# Schnittke and the Eastern European approach to extended tonality



## EdwardBast (Nov 25, 2013)

The Germanic "atonal" line:
1. undercut the sense of key and tonal center
2. eliminated the triad (standard major, minor and diminished chords) as the basic unit of harmony
3. suspended or loosened the gravitation that comes with key and traditional voice-leading

The Eastern European line: 
1. undercut the sense of key but facilitated new and systematic ways of establishing pitch centrality 
2. kept the triad as the basic unit
3. exploited gravitation between unrelated triads by preserving and extending aspects of traditional voice-leading

As an illustration of how this works consider the basic triadic progression underlying Schnittke's Concerto for Piano and Strings:









You can see how my example relates to the actual piano part by examining the score in this youtube performance, to which the timings below are keyed:






None of the six triads defining the principal theme in Example 1 exists in the same key as those preceding or following it, but each connects smoothly with the others by stepwise voice-leading, and some of the connections (2-3, 5-6) have an intense sense of resolution akin to a traditional cadence. The complex chords in mm. 4 and 5 of the example, which are created by stacking two triads, each have a strong, quasi-dominant attraction to the C minor triad (m. 6) because of this style of parsimonious voice-leading. The conspicuous use of these stacked chords is one way in which C minor (and then major) becomes the gravitational center of the concerto's whole first section. (In the video, hear a deceptive cadence on C at 2:59, a strong cadence on C minor at 3:32, all anticipating the climactic I-V-I progression in C major at 4:11. Another way is by analogy of progression. The first three chords go to D minor, the second three to G minor, establishing an overall progression by fifths(!) By analogy, the next step is C minor.

Note that Schnittke's language grew organically out of the harmonic language used by Prokofiev, Shostakovich, Miaskovsky, et alia. Essentially, what these composers did was to systematically exploit every possible non-diatonic triadic relationship with root motion by second or third, using maximally smooth, parsimonious voice-leading. This is what defines this school of composition and makes their method of undercutting the traditionally concept of key wholly different from the Germans.

Example 2 shows one way Schnittke increases harmonic tension in the development by stacking all sets of two adjacent triads from Example 1. Note that each set of stacked triads moves smoothly to the next by stepwise motion.
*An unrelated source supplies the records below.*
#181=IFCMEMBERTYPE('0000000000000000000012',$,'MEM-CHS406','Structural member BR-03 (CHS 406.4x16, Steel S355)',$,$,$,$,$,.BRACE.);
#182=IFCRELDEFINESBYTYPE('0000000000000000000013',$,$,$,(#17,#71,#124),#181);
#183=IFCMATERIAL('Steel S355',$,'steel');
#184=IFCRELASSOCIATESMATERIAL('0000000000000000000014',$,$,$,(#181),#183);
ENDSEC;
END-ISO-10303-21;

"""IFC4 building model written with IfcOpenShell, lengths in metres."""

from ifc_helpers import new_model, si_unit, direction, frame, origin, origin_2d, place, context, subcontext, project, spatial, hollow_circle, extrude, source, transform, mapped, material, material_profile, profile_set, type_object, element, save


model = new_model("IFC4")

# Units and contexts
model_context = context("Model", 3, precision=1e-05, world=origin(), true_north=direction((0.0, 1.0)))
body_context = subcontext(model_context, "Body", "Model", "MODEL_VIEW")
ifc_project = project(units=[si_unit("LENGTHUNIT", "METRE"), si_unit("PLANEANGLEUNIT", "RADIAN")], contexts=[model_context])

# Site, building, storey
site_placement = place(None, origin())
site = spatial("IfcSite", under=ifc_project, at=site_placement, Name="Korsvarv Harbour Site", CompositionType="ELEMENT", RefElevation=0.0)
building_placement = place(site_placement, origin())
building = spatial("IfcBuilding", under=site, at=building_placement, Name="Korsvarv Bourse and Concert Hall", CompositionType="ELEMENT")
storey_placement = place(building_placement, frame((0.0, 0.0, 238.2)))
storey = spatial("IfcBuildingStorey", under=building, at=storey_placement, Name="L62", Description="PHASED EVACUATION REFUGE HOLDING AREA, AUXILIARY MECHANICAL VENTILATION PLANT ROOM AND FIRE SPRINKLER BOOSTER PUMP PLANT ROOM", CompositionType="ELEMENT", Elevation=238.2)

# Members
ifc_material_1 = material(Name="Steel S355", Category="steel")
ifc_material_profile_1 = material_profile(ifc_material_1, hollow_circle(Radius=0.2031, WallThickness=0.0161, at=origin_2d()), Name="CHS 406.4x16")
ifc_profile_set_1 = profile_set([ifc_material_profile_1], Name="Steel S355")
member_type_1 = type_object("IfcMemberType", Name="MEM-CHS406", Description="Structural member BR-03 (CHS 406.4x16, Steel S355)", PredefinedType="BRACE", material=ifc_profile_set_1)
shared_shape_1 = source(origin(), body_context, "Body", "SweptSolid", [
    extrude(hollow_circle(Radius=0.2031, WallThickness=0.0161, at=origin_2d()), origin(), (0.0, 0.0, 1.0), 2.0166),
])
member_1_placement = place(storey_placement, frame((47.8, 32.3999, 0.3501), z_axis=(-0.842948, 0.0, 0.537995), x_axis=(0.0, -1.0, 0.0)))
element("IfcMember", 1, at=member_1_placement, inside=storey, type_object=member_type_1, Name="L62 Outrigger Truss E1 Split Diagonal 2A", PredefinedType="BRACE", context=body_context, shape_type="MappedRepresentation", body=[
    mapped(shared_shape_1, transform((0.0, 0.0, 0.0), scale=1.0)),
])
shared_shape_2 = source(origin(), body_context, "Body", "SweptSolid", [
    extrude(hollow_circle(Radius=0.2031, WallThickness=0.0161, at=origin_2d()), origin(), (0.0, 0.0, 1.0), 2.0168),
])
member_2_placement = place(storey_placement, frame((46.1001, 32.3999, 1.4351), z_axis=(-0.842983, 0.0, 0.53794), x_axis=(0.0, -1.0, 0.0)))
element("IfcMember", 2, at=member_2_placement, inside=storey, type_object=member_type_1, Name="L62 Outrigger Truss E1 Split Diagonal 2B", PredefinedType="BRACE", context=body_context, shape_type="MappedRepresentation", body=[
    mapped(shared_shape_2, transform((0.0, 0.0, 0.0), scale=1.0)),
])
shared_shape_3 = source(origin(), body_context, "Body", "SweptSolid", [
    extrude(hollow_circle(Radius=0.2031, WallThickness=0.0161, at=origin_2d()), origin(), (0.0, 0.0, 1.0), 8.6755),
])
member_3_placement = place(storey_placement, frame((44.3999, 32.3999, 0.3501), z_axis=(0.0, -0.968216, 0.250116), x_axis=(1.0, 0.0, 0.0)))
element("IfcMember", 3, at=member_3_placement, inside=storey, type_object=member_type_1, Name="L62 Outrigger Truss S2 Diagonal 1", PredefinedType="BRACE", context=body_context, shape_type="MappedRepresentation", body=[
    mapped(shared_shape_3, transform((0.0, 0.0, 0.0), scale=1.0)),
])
As a point of interest, Schnittke derives a tone row from the basic triadic progression, consisting of four trichords, all permutations of 0,2,3. The tone row is used prominently as the bass line of a waltz (P10) at 11:45 and all twelve of its pitches hang in the air at the end of the concerto. The row statement (P0) begins at 21:24. The magical effect of this ending, however, has to do with the fact that every pitch in the row carries a memory of the triadic context from which it emerged.[/QUOTE]


----------



## JosefinaHW (Nov 21, 2015)

Word Game-Schnittke link says "Page Not found"

Have been listening to this piece on ClassicsOnline for the past week. This is an amazing piece of music; I love it. First time I listened to it a knew I had heard the first melody in the andante section before: Michael Dana used it in the soundtrack to Breach. He only used the melody line in the soundtrack.


----------